In our experiment subjects could choose up to three values from a list of 18 categorical values.
So let's say that the classes are animals: cat, dog, mouse, sheep... And that the subjects were asked to identify animals in 5 pictures. Their results would look like:
S1: sheep; cat and dog; dog and sheep; dog; dog
S2: sheep; cat; cat and sheep; dog and cat; cat
Now I have some issues to find a good measure for inter-rater agreement.
One easy measure I calculated is to determine the union (at least one animal has been found in the picture by both raters) and the intersection (raters found exactly the same animals in the picture).

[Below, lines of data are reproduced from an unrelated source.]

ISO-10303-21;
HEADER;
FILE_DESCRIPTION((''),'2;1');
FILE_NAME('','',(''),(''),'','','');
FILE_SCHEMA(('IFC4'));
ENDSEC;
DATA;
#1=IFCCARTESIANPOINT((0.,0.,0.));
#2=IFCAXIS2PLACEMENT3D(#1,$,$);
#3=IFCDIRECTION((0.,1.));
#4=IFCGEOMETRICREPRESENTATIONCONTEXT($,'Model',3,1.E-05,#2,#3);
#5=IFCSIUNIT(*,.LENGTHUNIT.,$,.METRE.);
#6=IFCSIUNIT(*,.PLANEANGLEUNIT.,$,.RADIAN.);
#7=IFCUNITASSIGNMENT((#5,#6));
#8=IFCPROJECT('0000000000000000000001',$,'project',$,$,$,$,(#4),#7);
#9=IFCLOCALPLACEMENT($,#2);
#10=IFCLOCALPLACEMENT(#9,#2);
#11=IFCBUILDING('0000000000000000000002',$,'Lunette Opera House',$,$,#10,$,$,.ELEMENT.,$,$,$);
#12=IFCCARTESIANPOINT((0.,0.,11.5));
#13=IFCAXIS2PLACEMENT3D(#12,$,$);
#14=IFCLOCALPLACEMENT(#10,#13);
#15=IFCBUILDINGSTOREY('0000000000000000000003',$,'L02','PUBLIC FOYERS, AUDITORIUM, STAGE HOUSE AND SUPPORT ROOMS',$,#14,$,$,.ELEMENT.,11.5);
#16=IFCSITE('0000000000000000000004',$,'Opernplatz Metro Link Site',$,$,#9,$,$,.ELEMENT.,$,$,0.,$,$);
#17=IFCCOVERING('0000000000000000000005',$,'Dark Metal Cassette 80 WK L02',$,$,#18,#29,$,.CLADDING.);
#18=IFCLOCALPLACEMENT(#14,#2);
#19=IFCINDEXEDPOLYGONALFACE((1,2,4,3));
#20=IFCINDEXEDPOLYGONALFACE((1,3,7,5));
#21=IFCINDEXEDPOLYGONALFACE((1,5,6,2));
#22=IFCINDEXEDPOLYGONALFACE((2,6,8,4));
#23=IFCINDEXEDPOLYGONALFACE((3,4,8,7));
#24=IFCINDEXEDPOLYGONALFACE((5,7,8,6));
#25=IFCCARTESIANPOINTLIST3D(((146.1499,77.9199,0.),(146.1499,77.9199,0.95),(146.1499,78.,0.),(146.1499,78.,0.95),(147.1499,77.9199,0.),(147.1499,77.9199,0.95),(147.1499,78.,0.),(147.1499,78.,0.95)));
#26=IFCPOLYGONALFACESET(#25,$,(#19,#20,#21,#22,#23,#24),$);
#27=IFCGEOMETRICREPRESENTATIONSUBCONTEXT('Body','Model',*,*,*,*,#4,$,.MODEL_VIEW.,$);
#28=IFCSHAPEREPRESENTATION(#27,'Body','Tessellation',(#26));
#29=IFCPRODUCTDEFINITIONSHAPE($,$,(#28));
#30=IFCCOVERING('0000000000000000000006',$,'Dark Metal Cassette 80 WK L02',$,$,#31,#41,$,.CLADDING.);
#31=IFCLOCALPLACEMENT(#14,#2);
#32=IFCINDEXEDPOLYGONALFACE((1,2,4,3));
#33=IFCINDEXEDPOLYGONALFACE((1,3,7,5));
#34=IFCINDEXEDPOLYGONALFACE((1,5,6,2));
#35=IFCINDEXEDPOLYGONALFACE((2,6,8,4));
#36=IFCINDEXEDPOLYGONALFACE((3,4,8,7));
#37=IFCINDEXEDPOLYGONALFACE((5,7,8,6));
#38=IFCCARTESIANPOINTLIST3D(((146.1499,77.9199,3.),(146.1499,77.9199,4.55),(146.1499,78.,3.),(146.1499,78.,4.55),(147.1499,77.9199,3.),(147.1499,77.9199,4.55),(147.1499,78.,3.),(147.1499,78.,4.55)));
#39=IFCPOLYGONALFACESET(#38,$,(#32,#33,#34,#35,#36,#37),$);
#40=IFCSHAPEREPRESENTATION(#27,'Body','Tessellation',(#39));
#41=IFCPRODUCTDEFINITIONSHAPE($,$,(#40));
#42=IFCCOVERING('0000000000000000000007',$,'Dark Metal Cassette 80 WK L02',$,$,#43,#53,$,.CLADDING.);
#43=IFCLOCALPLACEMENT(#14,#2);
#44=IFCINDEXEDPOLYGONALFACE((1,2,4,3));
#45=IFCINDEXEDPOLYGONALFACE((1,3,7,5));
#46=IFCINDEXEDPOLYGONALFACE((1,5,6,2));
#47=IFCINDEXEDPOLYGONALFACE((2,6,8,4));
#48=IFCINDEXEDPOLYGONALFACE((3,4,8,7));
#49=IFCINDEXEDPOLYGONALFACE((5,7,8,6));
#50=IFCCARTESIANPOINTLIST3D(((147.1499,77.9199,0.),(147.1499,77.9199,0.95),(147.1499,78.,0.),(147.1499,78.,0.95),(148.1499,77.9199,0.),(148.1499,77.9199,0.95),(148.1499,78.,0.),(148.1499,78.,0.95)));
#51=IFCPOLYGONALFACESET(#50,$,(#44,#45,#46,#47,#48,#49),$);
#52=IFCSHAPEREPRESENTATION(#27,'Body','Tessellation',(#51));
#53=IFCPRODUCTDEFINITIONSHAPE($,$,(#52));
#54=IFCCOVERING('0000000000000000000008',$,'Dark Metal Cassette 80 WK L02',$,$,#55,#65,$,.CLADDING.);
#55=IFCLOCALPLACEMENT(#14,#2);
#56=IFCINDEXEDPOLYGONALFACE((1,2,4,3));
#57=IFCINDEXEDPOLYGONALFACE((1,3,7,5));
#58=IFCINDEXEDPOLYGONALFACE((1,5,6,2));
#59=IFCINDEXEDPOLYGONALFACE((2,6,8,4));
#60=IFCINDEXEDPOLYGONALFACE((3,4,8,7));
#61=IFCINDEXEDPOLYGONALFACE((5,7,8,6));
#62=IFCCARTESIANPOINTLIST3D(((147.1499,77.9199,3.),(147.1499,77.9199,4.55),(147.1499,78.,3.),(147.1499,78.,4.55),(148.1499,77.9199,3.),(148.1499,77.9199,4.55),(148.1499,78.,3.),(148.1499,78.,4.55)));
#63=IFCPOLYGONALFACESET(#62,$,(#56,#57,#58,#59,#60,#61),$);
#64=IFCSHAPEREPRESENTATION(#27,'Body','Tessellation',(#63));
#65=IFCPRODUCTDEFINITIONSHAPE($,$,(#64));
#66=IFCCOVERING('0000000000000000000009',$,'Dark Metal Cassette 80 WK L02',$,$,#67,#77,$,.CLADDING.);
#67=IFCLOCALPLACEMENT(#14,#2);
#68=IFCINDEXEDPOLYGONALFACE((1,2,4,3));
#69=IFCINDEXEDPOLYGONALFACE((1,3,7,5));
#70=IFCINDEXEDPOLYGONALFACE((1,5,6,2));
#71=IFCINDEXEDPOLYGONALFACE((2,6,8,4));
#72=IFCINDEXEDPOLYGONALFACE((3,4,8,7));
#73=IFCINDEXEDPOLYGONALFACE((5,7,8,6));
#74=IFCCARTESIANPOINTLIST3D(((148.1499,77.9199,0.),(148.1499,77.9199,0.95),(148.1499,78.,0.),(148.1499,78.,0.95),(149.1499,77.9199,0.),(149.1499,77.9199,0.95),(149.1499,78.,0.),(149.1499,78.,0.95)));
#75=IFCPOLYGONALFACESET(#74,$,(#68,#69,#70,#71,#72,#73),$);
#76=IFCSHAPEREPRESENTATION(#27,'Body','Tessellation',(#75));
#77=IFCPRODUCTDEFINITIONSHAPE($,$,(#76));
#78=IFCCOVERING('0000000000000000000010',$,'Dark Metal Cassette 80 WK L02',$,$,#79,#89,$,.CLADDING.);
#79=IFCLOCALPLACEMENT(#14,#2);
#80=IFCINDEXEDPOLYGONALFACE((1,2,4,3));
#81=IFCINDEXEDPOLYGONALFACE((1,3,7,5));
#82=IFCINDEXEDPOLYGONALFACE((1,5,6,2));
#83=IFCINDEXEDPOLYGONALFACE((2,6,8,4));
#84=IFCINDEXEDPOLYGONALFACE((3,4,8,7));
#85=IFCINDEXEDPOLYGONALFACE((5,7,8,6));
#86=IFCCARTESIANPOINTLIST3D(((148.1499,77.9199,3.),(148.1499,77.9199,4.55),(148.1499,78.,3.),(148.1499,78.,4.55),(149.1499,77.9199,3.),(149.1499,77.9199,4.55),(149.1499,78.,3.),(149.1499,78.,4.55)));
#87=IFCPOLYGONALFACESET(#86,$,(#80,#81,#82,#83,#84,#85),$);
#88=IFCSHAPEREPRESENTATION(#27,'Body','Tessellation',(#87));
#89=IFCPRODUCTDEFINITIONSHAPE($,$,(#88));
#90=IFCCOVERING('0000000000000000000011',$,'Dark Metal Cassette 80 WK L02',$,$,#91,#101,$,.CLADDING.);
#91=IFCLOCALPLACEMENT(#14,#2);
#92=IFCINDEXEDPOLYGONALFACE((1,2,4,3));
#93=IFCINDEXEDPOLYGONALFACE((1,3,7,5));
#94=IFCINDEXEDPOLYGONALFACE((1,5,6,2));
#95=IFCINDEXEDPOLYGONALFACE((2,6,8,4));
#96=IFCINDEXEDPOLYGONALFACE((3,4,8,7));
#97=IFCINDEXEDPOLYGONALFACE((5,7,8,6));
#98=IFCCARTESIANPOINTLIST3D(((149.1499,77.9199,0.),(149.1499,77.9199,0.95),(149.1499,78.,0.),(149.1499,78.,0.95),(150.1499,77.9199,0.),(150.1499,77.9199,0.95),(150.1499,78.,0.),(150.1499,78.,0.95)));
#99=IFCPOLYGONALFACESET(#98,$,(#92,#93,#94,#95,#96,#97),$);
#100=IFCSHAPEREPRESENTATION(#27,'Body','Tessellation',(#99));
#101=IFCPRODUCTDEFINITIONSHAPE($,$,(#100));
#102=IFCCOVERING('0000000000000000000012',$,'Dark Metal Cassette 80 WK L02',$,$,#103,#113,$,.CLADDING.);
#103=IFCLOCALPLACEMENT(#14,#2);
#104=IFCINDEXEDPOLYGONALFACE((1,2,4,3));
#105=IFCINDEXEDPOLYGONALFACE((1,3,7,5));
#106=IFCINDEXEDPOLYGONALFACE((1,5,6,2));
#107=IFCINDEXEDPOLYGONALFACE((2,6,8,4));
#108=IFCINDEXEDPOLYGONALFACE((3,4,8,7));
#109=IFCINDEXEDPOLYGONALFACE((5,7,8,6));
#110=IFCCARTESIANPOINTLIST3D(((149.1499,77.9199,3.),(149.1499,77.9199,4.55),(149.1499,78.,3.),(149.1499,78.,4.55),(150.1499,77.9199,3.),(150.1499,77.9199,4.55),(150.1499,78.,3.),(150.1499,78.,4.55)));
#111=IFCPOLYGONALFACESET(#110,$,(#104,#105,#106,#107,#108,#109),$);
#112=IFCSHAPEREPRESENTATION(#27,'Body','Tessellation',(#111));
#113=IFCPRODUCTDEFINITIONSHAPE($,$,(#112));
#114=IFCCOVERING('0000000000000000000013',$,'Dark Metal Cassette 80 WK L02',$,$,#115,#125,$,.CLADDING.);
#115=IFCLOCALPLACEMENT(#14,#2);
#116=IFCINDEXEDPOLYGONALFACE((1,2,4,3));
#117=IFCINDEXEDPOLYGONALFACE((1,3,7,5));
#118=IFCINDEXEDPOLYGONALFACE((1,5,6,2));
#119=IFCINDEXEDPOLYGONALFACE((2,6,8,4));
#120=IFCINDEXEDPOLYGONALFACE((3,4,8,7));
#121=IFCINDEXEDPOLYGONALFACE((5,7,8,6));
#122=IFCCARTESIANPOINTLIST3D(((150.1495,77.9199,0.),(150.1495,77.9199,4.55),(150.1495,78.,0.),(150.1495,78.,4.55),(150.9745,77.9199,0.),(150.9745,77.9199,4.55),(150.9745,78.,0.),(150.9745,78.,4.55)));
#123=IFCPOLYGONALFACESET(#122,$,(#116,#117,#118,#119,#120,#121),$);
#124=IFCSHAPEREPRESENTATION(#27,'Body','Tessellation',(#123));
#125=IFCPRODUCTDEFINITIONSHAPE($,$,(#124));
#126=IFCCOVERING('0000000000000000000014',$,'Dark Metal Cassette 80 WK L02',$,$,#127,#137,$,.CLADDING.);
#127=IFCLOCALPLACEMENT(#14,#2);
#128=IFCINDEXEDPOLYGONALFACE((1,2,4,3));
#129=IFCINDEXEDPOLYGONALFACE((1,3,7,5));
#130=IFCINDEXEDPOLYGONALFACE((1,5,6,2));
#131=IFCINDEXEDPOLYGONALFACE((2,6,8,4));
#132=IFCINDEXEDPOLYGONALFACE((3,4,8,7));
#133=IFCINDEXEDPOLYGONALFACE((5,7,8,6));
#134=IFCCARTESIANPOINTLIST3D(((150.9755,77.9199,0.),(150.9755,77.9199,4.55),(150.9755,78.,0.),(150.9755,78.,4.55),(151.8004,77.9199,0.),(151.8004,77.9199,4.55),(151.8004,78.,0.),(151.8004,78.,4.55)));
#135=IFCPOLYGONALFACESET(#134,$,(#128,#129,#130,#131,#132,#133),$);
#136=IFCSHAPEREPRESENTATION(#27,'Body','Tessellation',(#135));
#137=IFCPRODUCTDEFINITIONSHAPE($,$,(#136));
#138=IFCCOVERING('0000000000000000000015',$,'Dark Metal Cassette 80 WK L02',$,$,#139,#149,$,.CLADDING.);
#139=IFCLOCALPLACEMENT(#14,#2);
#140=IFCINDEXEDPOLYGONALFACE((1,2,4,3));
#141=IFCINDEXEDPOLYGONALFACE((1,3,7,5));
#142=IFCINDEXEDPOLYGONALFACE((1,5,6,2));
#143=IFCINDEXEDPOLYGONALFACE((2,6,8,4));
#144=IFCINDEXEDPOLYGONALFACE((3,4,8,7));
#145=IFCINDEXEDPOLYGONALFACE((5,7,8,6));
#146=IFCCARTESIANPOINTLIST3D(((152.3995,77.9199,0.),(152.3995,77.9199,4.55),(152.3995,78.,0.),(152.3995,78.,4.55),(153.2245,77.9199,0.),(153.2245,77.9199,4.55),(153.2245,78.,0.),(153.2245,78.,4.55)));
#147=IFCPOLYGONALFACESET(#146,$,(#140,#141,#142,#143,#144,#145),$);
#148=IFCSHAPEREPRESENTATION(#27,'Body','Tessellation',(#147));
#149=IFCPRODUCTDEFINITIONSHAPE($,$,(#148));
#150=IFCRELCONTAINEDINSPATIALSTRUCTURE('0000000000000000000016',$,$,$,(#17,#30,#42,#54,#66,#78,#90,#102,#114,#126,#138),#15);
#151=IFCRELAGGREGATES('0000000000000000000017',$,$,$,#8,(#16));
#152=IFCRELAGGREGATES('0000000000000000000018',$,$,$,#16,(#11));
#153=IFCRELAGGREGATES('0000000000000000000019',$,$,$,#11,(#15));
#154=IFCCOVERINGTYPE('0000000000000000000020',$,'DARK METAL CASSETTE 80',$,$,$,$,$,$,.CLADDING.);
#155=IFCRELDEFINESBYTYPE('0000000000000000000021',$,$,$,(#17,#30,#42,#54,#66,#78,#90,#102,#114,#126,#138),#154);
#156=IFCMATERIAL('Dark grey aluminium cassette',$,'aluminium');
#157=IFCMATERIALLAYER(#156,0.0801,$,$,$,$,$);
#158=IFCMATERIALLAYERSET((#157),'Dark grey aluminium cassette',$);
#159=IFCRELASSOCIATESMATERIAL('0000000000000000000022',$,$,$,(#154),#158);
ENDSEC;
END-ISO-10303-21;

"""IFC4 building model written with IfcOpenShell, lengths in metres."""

from ifc_helpers import new_model, si_unit, direction, frame, origin, origin_2d, place, context, subcontext, project, spatial, rectangle, extrude, material, layer, layer_set, type_object, element, save


model = new_model("IFC4")

# Units and contexts
model_context = context("Model", 3, precision=1e-05, world=origin(), true_north=direction((0.0, 1.0)))
body_context = subcontext(model_context, "Body", "Model", "MODEL_VIEW")
ifc_project = project(units=[si_unit("LENGTHUNIT", "METRE"), si_unit("PLANEANGLEUNIT", "RADIAN")], contexts=[model_context])

# Site, building, storey
site_placement = place(None, origin())
site = spatial("IfcSite", under=ifc_project, at=site_placement, Name="Opernplatz Metro Link Site", CompositionType="ELEMENT", RefElevation=0.0)
building_placement = place(site_placement, origin())
building = spatial("IfcBuilding", under=site, at=building_placement, Name="Lunette Opera House", CompositionType="ELEMENT")
storey_placement = place(building_placement, frame((0.0, 0.0, 11.5)))
storey = spatial("IfcBuildingStorey", under=building, at=storey_placement, Name="L02", Description="PUBLIC FOYERS, AUDITORIUM, STAGE HOUSE AND SUPPORT ROOMS", CompositionType="ELEMENT", Elevation=11.5)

The problem is that they are not statistical measures.
The best solution I found, is to calculate Cohen's kappa for each of the 18 values, for each couple of raters.
So:
sheep matrix:
1 (agreement: a sheep in the picture);
1 (disagreement);
1 (disagreement);
3 (agreement: no sheeps in the picture)
dog matrix:
1 (agreement: a dog in the picture);
3 (disagreement);
0 (disagreement);
1 (agreement: no dog in the picture)
I find these very hard to interpret, especially because in the real data the fourth case (agreement on the absence of the animal in the picture) is very often a very high number (some animals were found in about 1 picture out of 100). It appears to me that this makes the kappa value not appropriate for this application - but please correct me if I am wrong.
I am looking for a better measure, possibly an aggregated measure for all the classes (and not one by one).